Denver Nuggets: Diriliş
2021-22 sezonu Denver Nuggets için pek iç açıcı değildi. Nikola Jokic’in saz arkadaşları Jamal Murray ve Michael Porter sakatlanınca Denver’ın tavanı çok kısıtlandı. Nikola Jokic bu takımı bir şekilde playofflara taşısa da playofflarda Golden State Warriors‘a diş geçiremediler. Şimdi Jamal Murray ve Michael Porter’ın dönüşüyle Denver Nuggets diriliş dönemine girdi. İlk 7 maçta 4 galibiyet alan Denver, şu anda tam kapasiteyle oynamıyor bile. Jamal Murray’in tekrardan formunu bulması sezonun potansiyelini iyice yükseltebilir.
Detroit Pistons: İnşa
Ligdeki en parlak yapılanma takımlarından birisi olan Detroit Pistons, 2022 yazında önemli hamlelere imza attı. Drafttan Jaden Ivey ve Jalen Duren seçerek genç çekirdeği kuvvetlendiren Pistons, aynı zamanda Bojan Bogdanovic takasıyla müthiş bir veteranı kadrosuna kattı. Pistons’ta yapılanma süreci şu ana kadar mükemmel ilerliyor. Kısa sürede genç çekirdeğini tamamlama noktasına gelen Pistons, Cade Cunningham’ın etrafında yeni bir yapı inşa ediyor. Şu ana kadar kağıt üstünde her şey olumlu ancak bu süreç tamamlanmış değil.

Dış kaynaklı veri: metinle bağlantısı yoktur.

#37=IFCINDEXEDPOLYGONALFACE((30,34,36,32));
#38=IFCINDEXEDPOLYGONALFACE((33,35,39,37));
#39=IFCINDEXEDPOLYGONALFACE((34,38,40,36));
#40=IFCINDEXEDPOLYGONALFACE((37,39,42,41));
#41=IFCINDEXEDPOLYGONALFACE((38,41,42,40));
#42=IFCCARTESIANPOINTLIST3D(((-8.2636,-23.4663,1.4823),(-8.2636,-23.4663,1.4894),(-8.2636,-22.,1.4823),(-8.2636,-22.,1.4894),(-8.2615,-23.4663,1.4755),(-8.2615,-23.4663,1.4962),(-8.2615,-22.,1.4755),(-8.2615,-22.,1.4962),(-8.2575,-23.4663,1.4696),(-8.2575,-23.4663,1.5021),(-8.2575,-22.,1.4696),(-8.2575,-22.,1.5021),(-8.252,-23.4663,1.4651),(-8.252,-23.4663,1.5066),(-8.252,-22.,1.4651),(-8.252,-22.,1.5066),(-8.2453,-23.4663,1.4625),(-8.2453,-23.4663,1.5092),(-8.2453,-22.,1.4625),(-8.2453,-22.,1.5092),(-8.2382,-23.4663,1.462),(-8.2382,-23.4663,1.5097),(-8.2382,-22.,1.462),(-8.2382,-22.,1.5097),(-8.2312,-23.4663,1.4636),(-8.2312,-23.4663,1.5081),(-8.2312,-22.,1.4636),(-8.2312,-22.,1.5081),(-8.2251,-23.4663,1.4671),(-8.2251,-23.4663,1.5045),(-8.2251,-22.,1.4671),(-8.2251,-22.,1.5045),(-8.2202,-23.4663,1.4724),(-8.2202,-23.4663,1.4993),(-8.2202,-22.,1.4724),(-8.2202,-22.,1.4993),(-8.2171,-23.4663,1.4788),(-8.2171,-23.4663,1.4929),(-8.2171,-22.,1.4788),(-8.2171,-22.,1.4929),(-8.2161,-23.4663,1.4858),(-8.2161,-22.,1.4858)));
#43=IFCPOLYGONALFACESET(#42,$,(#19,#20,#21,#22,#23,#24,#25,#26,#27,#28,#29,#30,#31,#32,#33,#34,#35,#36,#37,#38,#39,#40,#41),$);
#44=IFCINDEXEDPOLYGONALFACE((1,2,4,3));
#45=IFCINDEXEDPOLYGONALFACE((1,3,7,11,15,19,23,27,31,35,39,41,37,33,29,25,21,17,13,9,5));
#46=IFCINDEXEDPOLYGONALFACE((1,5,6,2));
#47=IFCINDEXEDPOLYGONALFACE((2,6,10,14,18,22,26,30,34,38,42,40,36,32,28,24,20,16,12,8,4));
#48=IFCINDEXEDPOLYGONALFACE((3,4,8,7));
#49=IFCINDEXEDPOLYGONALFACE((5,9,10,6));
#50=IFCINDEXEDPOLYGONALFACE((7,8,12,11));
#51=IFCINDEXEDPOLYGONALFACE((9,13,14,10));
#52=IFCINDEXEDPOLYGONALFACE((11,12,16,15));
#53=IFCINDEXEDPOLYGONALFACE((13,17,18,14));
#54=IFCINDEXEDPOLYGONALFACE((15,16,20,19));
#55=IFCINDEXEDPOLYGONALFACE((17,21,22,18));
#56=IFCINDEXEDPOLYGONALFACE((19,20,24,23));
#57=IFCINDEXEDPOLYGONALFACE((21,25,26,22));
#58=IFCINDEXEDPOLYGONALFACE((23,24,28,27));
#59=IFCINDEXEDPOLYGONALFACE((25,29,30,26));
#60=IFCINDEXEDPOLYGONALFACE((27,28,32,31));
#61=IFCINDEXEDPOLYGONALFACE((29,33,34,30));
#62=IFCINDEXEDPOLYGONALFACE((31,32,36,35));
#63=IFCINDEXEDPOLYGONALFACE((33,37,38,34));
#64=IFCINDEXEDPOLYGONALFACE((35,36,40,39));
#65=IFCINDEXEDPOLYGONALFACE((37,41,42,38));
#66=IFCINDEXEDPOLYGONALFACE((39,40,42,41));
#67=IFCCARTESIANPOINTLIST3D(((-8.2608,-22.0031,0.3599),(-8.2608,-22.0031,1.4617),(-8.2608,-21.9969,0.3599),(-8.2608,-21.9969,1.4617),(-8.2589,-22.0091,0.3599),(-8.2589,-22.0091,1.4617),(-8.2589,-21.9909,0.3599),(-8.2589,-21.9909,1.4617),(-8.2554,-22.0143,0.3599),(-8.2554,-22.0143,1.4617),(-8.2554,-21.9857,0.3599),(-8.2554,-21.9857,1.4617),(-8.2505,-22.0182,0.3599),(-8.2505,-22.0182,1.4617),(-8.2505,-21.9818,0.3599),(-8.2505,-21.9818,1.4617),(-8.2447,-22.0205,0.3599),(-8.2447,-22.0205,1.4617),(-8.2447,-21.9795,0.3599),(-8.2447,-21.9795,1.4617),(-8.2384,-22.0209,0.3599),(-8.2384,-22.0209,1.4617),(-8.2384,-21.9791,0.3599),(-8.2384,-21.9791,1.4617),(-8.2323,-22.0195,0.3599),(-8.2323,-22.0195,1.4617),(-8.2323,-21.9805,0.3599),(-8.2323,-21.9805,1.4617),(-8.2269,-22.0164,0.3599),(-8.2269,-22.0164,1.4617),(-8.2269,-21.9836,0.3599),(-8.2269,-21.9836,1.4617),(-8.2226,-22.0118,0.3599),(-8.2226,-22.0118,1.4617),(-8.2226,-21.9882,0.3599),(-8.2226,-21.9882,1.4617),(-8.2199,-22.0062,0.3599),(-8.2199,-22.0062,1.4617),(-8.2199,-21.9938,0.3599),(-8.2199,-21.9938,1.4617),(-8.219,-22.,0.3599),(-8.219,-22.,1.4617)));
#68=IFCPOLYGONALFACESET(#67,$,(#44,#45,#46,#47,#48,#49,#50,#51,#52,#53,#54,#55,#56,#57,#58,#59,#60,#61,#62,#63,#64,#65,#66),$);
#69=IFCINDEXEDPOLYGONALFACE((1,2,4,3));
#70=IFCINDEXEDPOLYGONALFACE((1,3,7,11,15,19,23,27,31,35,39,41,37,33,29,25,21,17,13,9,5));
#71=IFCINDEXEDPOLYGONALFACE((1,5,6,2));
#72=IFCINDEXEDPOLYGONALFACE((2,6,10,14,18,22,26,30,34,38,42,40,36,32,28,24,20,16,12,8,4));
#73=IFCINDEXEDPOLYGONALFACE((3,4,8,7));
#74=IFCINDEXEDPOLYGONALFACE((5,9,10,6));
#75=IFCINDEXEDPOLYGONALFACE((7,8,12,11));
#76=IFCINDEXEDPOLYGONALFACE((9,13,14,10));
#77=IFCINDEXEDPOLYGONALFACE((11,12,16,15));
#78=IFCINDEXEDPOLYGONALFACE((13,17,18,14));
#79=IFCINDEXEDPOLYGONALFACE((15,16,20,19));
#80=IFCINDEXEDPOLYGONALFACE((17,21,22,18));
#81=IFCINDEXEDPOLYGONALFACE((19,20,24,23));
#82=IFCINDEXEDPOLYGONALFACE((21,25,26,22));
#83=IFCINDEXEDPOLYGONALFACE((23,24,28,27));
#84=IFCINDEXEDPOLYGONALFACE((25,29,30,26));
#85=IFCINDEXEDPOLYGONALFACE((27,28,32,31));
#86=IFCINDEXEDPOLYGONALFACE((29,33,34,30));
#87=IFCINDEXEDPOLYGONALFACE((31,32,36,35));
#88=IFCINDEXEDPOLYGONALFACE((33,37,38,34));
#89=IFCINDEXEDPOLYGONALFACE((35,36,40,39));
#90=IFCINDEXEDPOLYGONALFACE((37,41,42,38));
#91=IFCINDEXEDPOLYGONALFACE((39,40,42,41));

Golden State Warriors: Sarhoş
2021-22 sezonunu şampiyon tamamlayan Golden State Warriors, yeni sezona beklentilerin çok altında girdi. Warriors’ın zafer sarhoşluğu bir yana, rotasyonun önemli parçaları takımdan ayrıldı ve genç oyuncular şu anda Warriors sistemine uyum sağlamakta güçlük çekiyor. James Wiseman gibi isimler tecrübe eksiğinden ötürü sahada ne yaptığından bihaber. Bu yüzden parkede alışılmışın dışında bir Warriors var. Bununla birlikte Draymond Green – Jordan Poole kavgası da takıma zarar verdi. Warriors oyuncularının şu anda “playofflar gelsin işimize bakarız” mantalitesinde olduğunu düşünüyorum.
Houston Rockets: Arayış
NBA’deki yapılanma takımlarından bir diğeriyse Houston Rockets. Yakın zaman önce James Harden’ı takaslayarak tanking sürecine girdiğini tescilleyen Rockets, aslında hiç fena olmayan bir çekirdek kurdu. Jalen Green, Jabari Smith, Alperen Şengün, Tari Eason gibi genç isimler önemli potansiyel vadediyor ancak Rockets’ta hala bir şeyler eksik. Koç Stephen Silas’ın varlığı bu takımı sekteye uğratıyor. Rockets, bireysel yetenek anlamında yol kat etti ancak bu malzemelerden nasıl yemek yapacağını henüz çözemedi. Hala arayış sürecindeler.
Indiana Pacers: Değişim
Malcolm Brogdon, Domantas Sabonis, Myles Turner çekirdeğini uzun yıllar deneyen Indiana Pacers, konferansın orta düzey takımlarından biri olmaktan kurtulamamıştı. Bu çekirdeğin tavanının kısıtlı olduğunu fark eden Pacers yönetimi, takımı dağıtarak gençleşme ve değişim yoluna gitti. Tyrese Haliburton hamlesiyle yapılanmanın merkez ismini bulan Pacers, Bennedict Mathurin, Isaiah Jackson, Jalen Smith gibi genç isimlerle yoluna devam ediyor. Pacers’ın önünde uzun bir yol var ancak güzel bir başlangıç yaptıkları aşikar. Özellikle Haliburton – Mathurin ikilisi gelecek vadediyor.
LA Clippers: Cansız
2019 yazında Kawhi Leonard – Paul George ikilisini bir araya getiren Clippers büyük beklentilerle yepyeni bir maceraya başladı. Yıldız oyuncular Clippers’ta 4. senesine giriş yaptı ve hala başarıya ulaşabilmiş değiller. Los Angeles Clippers yine derin bir kadroya sahip ve playoff ortamına çok uyumlu yan parçaları var. Bu yüzden şampiyonluğun doğal favorisi olduklarını dile getirebiliriz. Ancak Clippers’ta hala devam eden iki sorun var ki bunlar uzun vadede can yakabilir: Sakatlık ve cansızlık.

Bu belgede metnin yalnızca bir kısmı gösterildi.